Appearance and propagation of polyglutamine-based amyloids in yeast: tyrosine residues enable polymer fragmentation

Abstract

In yeast, fragmentation of amyloid polymers by the Hsp104 chaperone allows them to propagate as prions. The prion-forming domain of the yeast Sup35 protein is rich in glutamine, asparagine, tyrosine, and glycine residues, which may define its prion properties. Long polyglutamine stretches can also drive amyloid polymerization in yeast, but these polymers are unable to propagate because of poor fragmentation and exist through constant seeding with the Rnq1 prion polymers. We proposed that fragmentation of polyglutamine amyloids may be improved by incorporation of hydrophobic amino acid residues into polyglutamine stretches. To investigate this, we constructed sets of polyglutamine with or without tyrosine stretches fused to the non-prion domains of Sup35. Polymerization of these chimeras started rapidly, and its efficiency increased with stretch size. Polymerization of proteins with polyglutamine stretches shorter than 70 residues required Rnq1 prion seeds. Proteins with longer stretches polymerized independently of Rnq1 and thus could propagate.
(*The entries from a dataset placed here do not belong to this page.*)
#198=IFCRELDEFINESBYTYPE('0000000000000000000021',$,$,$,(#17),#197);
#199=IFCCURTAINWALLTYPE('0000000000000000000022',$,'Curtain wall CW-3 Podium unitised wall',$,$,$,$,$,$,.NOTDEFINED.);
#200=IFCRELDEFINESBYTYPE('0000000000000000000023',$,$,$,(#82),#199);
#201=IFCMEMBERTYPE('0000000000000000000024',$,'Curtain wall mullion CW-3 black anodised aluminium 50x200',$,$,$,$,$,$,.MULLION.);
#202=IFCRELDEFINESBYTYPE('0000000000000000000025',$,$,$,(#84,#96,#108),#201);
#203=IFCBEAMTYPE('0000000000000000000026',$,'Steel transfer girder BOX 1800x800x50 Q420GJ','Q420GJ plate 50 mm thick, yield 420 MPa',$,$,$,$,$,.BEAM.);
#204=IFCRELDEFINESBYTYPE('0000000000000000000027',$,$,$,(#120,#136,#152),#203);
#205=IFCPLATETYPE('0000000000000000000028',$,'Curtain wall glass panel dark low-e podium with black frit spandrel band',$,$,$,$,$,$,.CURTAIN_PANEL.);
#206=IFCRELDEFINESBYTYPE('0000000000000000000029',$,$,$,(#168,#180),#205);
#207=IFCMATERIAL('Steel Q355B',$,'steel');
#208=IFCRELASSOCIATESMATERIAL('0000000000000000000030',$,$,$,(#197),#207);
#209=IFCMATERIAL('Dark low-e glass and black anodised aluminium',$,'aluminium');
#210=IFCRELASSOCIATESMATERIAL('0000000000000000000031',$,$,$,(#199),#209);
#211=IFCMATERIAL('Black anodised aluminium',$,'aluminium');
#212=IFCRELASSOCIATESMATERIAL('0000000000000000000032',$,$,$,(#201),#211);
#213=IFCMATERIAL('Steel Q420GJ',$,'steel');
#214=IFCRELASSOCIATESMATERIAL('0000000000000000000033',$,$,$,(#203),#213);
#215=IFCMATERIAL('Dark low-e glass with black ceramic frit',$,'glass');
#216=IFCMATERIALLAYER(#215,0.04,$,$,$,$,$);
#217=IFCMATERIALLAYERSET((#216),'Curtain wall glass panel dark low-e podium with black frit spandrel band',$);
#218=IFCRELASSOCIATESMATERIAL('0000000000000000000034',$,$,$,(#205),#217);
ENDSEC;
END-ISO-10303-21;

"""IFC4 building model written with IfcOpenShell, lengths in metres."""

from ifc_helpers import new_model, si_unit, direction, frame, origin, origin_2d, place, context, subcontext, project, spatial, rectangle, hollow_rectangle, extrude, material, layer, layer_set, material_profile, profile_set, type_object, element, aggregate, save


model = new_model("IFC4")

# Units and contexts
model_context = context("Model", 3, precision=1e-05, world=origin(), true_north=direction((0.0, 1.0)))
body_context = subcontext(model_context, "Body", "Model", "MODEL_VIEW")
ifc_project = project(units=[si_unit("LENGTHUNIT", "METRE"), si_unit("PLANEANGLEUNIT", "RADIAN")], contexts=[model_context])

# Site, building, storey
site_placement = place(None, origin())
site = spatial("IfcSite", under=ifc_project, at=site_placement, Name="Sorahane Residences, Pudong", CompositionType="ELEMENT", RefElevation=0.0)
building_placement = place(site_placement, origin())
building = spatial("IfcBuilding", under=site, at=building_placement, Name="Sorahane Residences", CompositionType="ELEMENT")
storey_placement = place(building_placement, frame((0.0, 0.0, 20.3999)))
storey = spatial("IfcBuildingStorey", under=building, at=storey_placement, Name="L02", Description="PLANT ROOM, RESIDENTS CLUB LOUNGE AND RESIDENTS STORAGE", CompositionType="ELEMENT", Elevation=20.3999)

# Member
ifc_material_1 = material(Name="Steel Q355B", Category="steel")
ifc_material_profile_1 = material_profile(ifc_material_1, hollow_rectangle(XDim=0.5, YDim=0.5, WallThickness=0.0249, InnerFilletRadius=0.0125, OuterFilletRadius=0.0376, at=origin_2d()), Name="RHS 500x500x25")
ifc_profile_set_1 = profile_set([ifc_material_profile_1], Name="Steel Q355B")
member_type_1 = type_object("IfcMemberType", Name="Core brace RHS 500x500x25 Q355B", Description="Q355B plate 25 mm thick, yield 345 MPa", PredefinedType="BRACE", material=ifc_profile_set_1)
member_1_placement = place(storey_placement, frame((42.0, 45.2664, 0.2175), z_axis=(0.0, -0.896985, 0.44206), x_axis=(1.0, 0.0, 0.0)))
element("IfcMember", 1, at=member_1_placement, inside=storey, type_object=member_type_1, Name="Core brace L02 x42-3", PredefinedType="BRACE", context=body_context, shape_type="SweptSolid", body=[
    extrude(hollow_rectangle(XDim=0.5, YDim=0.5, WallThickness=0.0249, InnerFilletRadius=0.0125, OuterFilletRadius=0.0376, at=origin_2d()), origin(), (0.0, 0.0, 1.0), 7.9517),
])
The presence of tyrosines within polyglutamine stretches dramatically enhanced polymer fragmentation and allowed polymer propagation in the absence of Rnq1 and, in some cases, of Hsp104.

FIGURE 1.

Polymerization of polyQ/QY proteins in [PIN⁺] cells. A, schematic representation of the polyQ/QY-Sup35MC proteins. The amino acid numbering of native Sup35 is given in parentheses. M, middle domain; C, C-terminal domain. In B–D, the indicated polyQ/QY proteins were expressed in [PIN⁺] cells instead of endogenous Sup35. B, cell phenotypes on YPD-red medium and synthetic medium lacking adenine (9th day of growth). Sup35MC served as the control. In C and D, cells were grown in YPD medium, and cell lysates were analyzed by electrophoresis. Gel blots were stained with antibody to Sup35M, which reveals polyQ/QY fusion proteins. C, monomer analysis by SDS-PAGE. The samples were not boiled to show the levels of only monomeric polyQ/QY proteins. D, polymer analysis by SDD-AGE. The molecular mass standards titin (4000 kDa) and nebulin (700 kDa) are indicated.

FIGURE 2.

Dependence of polymer appearance on the [PIN] status. Plasmids encoding the 70Q, 85Q, 131Q, 50QY, and 76QY proteins were introduced into the [PIN⁺], [pin^-], and Δrnq1 cells, and transformants were grown for 30 or 100 (^*) generations. Cell lysates were analyzed by SDD-AGE with blot immunostaining for Sup35M. Molecular mass standards are indicated in kilodaltons.

FIGURE 3.

Effects of the RNQ1 deletion on propagation of polyQ polymers. The indicated polyQ proteins were expressed in [PIN⁺] cells (+) and yielded polymers. Then, the RNQ1 gene was disrupted in these cells (Δ). Cell lysates were analyzed by SDD-AGE with blot immunostaining for Sup35M.

FIGURE 4.

Effects of the HSP104 deletion. [PIN⁺] cells were transformed with plasmids encoding the 76QY, 70Q, 85Q, and 131Q proteins. In these cells, HSP104 was disrupted (ΔH104) and then reintroduced into a centromeric plasmid (+H104). Cell lysates were prepared at 30 or 100 (^*) generations after transformation and analyzed by SDD-AGE with blot immunostaining for Sup35M. Molecular mass standards are indicated.

FIGURE 5.

Effects of GdnHCl. A, yeast cells, either wild-type or disrupted for HSP104 (ΔH104), producing 70Q and 76QY in a polymer form were grown in YPD medium containing 3 mm GdnHCl for the indicated number of generations, and cells with 76QY were then grown for 2 h in the absence of GdnHCl. B, 70Q and 85Q polymers were eliminated in the Δrnq1 strain by growing single cells into colonies in the presence of 3 mm GdnHCl. Cell lysates were analyzed by SDD-AGE with blot staining for Sup35M. The agarose gel concentration was 1.2% for the cells with 70Q and 76QYΔH104 (A) and 1.8% in other cases. Molecular mass standards are indicated.